2025-11-15 00:35:22 +00:00
rcourtman
bcd8d4e0fa Fix critical cleanup implementation issues found by Codex review
**Host Detection**:
- Now detects localhost by hostname and FQDN, not just IP
- Fixes issue where nodes configured as https://hostname:8006 would skip
  localhost cleanup (API tokens, bind mounts, service removal)

**Systemd Sandbox**:
- Added /etc/pve and /etc/systemd/system to ReadWritePaths
- Allows cleanup script to modify Proxmox configs and systemd units

**Uninstaller Improvements**:
- Use UUID for transient unit names (prevents same-second collisions)
- Added --purge flag for complete removal
- Added --wait and --collect flags to capture exit code
- Now fails cleanup if uninstaller exits non-zero

**Path Migration**:
- Fixed all /usr/local references to use /opt/pulse/sensor-proxy
- Updated forced command in SSH authorized_keys
- Updated self-heal script installer path
- Updated Go backend removal helpers (supports both new and legacy paths)

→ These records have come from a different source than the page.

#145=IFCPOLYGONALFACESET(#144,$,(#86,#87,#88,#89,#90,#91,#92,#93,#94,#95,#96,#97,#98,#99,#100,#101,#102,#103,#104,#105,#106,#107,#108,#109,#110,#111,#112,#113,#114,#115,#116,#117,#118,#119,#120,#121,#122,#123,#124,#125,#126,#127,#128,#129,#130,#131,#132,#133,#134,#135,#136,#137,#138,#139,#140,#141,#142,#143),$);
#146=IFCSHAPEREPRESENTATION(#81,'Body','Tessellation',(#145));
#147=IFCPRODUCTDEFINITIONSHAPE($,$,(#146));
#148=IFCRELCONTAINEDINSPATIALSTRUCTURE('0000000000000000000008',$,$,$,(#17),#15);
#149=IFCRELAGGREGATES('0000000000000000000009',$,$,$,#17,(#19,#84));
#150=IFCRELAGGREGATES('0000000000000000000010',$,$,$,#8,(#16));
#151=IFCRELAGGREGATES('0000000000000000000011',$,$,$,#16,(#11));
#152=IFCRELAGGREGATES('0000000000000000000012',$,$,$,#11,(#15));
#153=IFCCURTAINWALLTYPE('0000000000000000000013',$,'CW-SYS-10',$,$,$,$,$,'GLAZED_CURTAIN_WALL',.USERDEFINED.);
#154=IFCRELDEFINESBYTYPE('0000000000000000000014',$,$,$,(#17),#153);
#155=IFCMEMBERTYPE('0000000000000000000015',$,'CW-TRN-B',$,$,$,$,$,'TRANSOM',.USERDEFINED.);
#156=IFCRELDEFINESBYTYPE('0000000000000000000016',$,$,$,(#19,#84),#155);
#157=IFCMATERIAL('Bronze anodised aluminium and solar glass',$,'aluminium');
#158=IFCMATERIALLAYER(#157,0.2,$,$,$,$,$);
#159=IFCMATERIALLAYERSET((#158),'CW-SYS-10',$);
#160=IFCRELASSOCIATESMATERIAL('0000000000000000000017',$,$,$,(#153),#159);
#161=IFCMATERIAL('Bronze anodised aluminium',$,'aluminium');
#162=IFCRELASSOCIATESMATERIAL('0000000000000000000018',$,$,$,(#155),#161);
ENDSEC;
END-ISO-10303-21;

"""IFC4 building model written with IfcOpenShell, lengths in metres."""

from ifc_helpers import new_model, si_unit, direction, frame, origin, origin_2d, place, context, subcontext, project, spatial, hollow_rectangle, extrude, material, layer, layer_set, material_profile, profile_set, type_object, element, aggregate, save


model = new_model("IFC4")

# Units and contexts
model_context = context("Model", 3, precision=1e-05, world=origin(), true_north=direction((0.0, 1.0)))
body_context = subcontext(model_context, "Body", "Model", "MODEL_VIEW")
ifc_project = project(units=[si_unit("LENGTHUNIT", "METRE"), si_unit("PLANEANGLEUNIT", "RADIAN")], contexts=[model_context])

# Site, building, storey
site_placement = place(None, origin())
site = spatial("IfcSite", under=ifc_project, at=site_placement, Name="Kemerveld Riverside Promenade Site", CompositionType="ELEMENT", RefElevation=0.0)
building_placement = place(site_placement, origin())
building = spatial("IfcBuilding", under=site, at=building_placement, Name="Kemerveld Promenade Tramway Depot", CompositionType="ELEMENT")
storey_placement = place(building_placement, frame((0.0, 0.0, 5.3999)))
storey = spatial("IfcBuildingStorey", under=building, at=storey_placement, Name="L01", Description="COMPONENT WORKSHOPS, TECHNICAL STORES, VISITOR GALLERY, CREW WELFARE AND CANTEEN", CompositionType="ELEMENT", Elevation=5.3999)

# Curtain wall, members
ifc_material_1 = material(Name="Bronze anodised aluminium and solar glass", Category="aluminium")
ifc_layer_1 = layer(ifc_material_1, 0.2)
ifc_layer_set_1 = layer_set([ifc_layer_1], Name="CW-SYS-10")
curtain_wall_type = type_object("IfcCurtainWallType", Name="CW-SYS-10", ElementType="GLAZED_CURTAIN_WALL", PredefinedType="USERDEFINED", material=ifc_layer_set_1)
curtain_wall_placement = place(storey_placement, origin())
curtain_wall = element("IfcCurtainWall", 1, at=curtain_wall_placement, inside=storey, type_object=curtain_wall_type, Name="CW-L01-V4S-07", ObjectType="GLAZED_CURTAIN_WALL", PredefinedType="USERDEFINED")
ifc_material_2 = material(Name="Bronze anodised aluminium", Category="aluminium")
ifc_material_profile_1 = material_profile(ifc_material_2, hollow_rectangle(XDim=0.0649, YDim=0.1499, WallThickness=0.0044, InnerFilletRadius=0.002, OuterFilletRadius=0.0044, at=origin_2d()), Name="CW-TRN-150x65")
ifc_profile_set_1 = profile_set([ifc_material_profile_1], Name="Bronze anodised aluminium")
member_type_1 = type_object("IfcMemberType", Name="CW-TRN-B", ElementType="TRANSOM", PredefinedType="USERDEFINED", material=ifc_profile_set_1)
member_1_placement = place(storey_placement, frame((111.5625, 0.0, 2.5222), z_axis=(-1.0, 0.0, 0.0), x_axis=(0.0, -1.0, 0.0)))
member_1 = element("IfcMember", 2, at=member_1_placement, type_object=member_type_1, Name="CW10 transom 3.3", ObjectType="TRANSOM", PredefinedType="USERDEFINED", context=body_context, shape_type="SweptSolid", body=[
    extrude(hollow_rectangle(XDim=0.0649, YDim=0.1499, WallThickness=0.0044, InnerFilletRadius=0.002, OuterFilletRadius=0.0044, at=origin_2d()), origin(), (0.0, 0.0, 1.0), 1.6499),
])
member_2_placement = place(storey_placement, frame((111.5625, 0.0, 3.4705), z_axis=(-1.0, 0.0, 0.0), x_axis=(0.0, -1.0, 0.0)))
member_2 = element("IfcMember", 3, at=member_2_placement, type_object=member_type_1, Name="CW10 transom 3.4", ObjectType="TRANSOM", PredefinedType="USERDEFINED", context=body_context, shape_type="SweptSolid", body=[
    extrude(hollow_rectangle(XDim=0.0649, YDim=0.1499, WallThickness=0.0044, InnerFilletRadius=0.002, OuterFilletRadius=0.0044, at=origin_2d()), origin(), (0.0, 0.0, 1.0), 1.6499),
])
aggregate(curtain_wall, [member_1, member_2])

These fixes address Codex findings: hostname detection, sandbox permissions,
transient unit collisions, incomplete purging, and incomplete path migration.

Related to cleanup implementation testing.
2025-11-15 00:33:41 +00:00
rcourtman
17d2e6876e Fix unbound SHARE_DIR variable in installer
After relocating binaries to INSTALL_ROOT, the SHARE_DIR variable was removed
but one reference remained in cache_installer_for_self_heal() causing
'unbound variable' error.

Changed to use INSTALL_ROOT directly since that's where the cached installer
is stored (STORED_INSTALLER=${INSTALL_ROOT}/install-sensor-proxy.sh).
2025-11-15 00:09:34 +00:00
rcourtman
ed48d7555a Fix directory creation order in sensor-proxy installer
The installer was trying to write binaries to /opt/pulse/sensor-proxy/bin/
before creating the directory structure, causing 'No such file or directory'
errors on fresh installs.

Moved directory creation for INSTALL_ROOT and bin/ to before binary installation
section (before line 657), ensuring directories exist before use.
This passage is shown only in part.